Bach wollten sie spielen, doch es hörte sich an, als würden Katzen dazwischen jaulen. Die Musiker waren zu nervös und standen zudem unter einem gewaltigen psychischen Druck.
Das kümmerte die Eindringlinge nicht. Möglicherweise wunderten sie sich über die schrillen Klänge, ansonsten aber scheuchten sie die Passagiere mit barschen Worten und auch mit Taten in die Höhe. Wer nicht sofort gehorchte, bekam Tritte ab.

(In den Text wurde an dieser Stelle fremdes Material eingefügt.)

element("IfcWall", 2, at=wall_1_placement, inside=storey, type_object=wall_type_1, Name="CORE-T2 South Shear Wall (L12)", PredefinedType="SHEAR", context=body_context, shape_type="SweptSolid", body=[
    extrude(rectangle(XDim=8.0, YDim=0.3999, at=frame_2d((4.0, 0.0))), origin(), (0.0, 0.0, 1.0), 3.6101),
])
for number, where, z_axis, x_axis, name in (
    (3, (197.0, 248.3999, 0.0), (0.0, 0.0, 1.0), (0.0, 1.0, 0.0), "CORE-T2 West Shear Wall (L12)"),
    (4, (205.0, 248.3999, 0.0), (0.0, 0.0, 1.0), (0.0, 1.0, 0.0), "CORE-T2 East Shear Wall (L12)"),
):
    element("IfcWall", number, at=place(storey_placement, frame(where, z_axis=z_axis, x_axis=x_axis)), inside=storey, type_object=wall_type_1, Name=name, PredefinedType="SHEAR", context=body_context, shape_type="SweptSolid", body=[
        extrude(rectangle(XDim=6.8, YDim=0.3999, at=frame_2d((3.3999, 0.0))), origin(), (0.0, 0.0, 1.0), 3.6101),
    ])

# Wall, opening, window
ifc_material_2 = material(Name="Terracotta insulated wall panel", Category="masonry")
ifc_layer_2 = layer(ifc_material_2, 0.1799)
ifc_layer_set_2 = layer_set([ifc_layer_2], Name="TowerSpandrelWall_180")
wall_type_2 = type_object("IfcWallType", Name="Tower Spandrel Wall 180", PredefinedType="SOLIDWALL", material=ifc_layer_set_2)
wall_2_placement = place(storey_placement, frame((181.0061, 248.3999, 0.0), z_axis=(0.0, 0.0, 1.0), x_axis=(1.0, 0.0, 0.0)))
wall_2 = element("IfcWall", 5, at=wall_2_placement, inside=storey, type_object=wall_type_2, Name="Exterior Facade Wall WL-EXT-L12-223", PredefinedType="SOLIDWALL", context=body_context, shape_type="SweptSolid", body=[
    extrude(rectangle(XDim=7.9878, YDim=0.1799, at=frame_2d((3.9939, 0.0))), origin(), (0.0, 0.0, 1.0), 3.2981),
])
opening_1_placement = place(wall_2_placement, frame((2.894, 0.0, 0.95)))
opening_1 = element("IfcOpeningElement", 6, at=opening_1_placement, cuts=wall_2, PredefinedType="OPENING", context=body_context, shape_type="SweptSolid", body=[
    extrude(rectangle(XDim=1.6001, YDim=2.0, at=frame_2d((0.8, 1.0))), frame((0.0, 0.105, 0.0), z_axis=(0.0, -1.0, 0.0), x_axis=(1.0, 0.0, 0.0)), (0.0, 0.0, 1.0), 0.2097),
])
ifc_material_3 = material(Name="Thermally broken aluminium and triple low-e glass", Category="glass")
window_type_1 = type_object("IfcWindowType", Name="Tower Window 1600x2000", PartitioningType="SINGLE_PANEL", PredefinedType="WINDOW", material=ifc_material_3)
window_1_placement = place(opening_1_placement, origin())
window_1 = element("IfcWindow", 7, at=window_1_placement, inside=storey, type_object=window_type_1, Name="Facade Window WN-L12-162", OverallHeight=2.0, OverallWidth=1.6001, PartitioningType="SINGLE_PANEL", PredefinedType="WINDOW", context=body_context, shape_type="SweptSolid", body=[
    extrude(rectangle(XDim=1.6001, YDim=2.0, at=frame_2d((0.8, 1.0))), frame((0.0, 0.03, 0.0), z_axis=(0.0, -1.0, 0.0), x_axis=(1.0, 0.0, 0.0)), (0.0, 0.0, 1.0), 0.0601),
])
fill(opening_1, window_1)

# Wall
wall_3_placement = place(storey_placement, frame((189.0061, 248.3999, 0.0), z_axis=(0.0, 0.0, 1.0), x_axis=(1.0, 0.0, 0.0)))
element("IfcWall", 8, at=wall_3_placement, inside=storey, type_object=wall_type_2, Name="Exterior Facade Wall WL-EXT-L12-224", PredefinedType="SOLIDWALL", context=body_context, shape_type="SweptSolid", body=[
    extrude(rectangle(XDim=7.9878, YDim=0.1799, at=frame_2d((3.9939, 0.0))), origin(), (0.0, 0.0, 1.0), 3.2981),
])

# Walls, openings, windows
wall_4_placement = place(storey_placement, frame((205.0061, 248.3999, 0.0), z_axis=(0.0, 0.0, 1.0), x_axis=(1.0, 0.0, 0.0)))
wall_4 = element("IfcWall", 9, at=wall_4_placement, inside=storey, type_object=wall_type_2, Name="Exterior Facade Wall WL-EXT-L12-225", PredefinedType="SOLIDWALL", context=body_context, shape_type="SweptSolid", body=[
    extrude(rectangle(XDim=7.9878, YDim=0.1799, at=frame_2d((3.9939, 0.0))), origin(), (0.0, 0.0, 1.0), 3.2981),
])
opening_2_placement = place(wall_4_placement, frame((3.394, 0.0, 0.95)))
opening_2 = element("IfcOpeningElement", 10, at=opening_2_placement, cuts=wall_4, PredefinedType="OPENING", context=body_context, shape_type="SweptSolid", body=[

Auch die am Kapitänstisch sitzenden Passagiere hatten sich verkrochen. Die meisten vergingen vor Angst, doch nicht die Älteste unter ihnen, Heathers Mutter.

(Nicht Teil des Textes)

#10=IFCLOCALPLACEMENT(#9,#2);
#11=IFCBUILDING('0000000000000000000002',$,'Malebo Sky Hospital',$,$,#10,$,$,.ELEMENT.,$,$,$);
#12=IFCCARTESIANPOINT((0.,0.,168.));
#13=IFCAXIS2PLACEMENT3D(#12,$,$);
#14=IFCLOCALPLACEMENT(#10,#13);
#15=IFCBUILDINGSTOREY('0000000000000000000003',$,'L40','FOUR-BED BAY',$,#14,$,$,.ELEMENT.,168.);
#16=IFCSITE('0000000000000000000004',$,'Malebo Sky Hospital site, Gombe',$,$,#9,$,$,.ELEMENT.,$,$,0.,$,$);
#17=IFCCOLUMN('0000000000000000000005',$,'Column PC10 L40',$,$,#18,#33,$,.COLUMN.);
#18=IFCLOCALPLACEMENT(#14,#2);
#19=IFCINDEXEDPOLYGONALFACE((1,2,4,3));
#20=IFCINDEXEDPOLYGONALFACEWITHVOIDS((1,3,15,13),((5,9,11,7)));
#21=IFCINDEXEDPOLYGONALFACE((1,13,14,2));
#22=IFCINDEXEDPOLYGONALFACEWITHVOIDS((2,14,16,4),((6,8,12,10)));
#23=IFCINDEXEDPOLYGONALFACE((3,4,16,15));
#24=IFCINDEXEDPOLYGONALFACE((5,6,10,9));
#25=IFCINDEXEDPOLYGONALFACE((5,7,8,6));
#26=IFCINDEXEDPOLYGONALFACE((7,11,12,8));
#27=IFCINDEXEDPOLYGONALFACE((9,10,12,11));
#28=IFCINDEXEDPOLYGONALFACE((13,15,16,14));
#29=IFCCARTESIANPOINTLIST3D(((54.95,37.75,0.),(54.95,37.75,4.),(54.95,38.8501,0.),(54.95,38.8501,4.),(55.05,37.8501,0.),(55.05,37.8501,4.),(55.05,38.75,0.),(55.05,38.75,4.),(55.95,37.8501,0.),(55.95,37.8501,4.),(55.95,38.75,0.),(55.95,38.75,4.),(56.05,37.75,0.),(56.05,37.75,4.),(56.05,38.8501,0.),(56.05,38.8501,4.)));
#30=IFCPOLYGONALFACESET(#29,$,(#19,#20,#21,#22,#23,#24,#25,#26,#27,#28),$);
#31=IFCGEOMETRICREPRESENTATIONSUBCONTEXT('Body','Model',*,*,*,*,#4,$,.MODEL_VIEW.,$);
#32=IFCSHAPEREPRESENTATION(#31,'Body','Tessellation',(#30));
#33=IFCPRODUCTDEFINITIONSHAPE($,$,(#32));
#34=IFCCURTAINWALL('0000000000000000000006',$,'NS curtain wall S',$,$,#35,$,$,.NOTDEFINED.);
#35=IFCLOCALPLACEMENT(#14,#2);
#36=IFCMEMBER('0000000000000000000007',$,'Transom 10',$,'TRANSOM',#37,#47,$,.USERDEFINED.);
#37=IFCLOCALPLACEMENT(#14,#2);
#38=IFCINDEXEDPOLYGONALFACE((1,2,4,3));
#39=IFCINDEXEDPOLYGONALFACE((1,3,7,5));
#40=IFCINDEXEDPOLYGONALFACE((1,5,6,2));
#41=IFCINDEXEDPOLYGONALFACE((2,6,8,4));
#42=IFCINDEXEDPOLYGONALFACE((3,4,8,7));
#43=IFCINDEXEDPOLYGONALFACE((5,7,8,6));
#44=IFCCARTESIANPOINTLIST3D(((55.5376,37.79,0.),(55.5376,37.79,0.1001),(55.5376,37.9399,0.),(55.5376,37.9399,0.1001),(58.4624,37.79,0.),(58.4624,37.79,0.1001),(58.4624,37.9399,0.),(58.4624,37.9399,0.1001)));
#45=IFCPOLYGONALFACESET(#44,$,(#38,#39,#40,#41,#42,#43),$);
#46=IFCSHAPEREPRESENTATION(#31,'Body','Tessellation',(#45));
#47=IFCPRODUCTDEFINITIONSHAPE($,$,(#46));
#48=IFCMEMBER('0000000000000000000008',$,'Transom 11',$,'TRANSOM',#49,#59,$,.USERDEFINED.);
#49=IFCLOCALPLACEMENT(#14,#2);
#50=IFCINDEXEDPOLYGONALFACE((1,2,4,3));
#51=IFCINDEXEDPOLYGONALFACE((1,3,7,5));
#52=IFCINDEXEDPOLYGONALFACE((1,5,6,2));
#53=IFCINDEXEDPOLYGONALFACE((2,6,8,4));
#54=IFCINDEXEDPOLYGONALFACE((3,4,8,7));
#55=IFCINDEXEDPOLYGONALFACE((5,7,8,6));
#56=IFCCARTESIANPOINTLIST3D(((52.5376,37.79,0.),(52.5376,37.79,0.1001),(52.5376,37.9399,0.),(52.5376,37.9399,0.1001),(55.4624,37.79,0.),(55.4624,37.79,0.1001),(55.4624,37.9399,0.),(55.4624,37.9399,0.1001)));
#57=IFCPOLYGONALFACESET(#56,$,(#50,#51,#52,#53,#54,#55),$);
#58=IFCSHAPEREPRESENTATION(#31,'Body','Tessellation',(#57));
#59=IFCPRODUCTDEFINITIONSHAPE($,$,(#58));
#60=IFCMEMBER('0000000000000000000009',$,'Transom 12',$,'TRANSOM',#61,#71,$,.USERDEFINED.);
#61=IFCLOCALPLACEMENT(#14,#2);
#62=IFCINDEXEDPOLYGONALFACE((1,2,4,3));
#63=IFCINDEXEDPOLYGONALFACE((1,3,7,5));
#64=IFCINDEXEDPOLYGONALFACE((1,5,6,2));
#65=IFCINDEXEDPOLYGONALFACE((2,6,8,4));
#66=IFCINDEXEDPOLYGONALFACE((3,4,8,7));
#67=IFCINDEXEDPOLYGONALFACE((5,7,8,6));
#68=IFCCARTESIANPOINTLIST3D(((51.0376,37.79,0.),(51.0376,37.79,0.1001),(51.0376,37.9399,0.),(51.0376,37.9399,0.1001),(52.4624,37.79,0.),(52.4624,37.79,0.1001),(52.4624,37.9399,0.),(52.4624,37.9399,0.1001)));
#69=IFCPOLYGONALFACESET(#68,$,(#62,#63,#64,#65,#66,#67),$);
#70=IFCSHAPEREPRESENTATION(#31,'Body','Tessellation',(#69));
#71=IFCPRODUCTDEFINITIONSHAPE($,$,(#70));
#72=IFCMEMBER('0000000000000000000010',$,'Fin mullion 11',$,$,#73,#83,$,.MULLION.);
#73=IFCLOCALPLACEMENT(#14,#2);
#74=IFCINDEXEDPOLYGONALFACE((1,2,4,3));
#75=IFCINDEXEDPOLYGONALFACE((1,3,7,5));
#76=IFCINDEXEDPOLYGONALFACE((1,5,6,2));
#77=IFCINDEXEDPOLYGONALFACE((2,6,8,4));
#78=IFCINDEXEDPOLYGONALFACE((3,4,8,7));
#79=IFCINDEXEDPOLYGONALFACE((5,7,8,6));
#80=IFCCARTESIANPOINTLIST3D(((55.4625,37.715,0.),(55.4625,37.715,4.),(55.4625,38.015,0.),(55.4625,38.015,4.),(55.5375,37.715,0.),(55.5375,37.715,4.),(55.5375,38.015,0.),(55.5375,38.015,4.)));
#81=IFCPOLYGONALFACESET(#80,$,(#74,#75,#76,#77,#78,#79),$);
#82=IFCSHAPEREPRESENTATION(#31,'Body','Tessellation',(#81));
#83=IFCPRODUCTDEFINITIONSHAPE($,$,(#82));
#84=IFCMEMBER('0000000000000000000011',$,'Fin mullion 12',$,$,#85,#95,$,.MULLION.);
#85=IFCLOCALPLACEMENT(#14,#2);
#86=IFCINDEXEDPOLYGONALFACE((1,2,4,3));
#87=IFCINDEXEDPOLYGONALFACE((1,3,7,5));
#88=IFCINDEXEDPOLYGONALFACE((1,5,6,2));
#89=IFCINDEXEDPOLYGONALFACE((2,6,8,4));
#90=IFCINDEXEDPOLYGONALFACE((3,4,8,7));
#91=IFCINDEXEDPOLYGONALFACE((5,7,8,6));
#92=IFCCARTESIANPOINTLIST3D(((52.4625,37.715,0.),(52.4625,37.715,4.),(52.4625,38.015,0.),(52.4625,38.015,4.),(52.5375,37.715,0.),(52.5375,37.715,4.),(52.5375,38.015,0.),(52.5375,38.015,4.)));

»Wir müssen etwas tun!«, zischte sie ihrer Tochter zu.
»Was denn und wie denn?«
»Ich weiß es noch nicht, Mädchen, aber ich werde mir etwas einfallen lassen.« Die knurrig wirkende Frau nickte energisch, bevor sie sich umschaute, aber so, dass es nicht auffiel, wobei die bewaffneten Eindringlinge auch nicht in ihre Richtung schauten. »Hinter uns ist eine Tür.«
»Weißt du denn, wohin sie führt?«
»Nicht genau. Ab und zu habe ich während des Dinners Personal kommen sehen.«
»Soll ich durch die Tür verschwinden?«
»Sprich nicht so laut, Heather.« Die Mutter bewegte beim Sprechen kaum die Lippen. »Die Tür ist wichtig. Verschwinde, bevor sie etwas merken.«
Heathers maskenhaft geschminktes Gesicht verzog sich. »Niemals, Mutter, das kannst du von mir nicht verlangen. Außerdem weiß ich nicht, was ich tun soll.«
»Stell dich nicht so an, Tochter!« Die Alte wurde giftig. »Soll ich es machen?«
»Nein, auch nicht, aber…«
»Heather. Ich bin sicher, dass du die beiden Männer sehen wirst, die zusammen mit dem Kapitän den Saal hier verlassen haben. Die beiden sind etwas Besonderes, das habe ich sofort gespürt. Außerdem hätte McDuncan sie sonst nicht mitgenommen. Vielleicht finden sie eine Lösung.«
»Welche denn?«
»Das sollst du erkunden. Und beeil dich, verdammt. Ich habe das Gefühl, als würden sich die Kerle hier aufteilen. So viele brauchen uns nicht zu bewachen.«
»Weißt du denn, wie viele sich noch auf dem Schiff aufhalten?«
»Woher?«
Heather wusste, dass sie gegen ihre Mutter keine Chance hatte. Was sie sich einmal in den Kopf gesetzt hatte, das führte sie durch. Auch wenn es sich dabei um andere Personen handelte.
»Sieh zu, dass du die beiden Männer triffst, Heather.«
»Nein, das werde ich nicht.«
»Was dann?«
»Wenn ich gehe, will ich versuchen, auf die Brücke zu gelangen.«
»Die wird besetzt sein.«
Heather beobachtete die Männer. Sie hatten das Personal zusammengestellt. Die Stewards mussten die Arme hochheben und sich mit den Gesichtern zur Wand stellen. Dann kippten sie vor und stützten sich mit den Handflächen an der Wand ab.
Zwei Fanatiker genügten für den nächsten brutalen Job. Sie erschossen die Leute nicht, es reichten Totschläger, mit denen sie die Livrierten ins Reich der Träume schickten.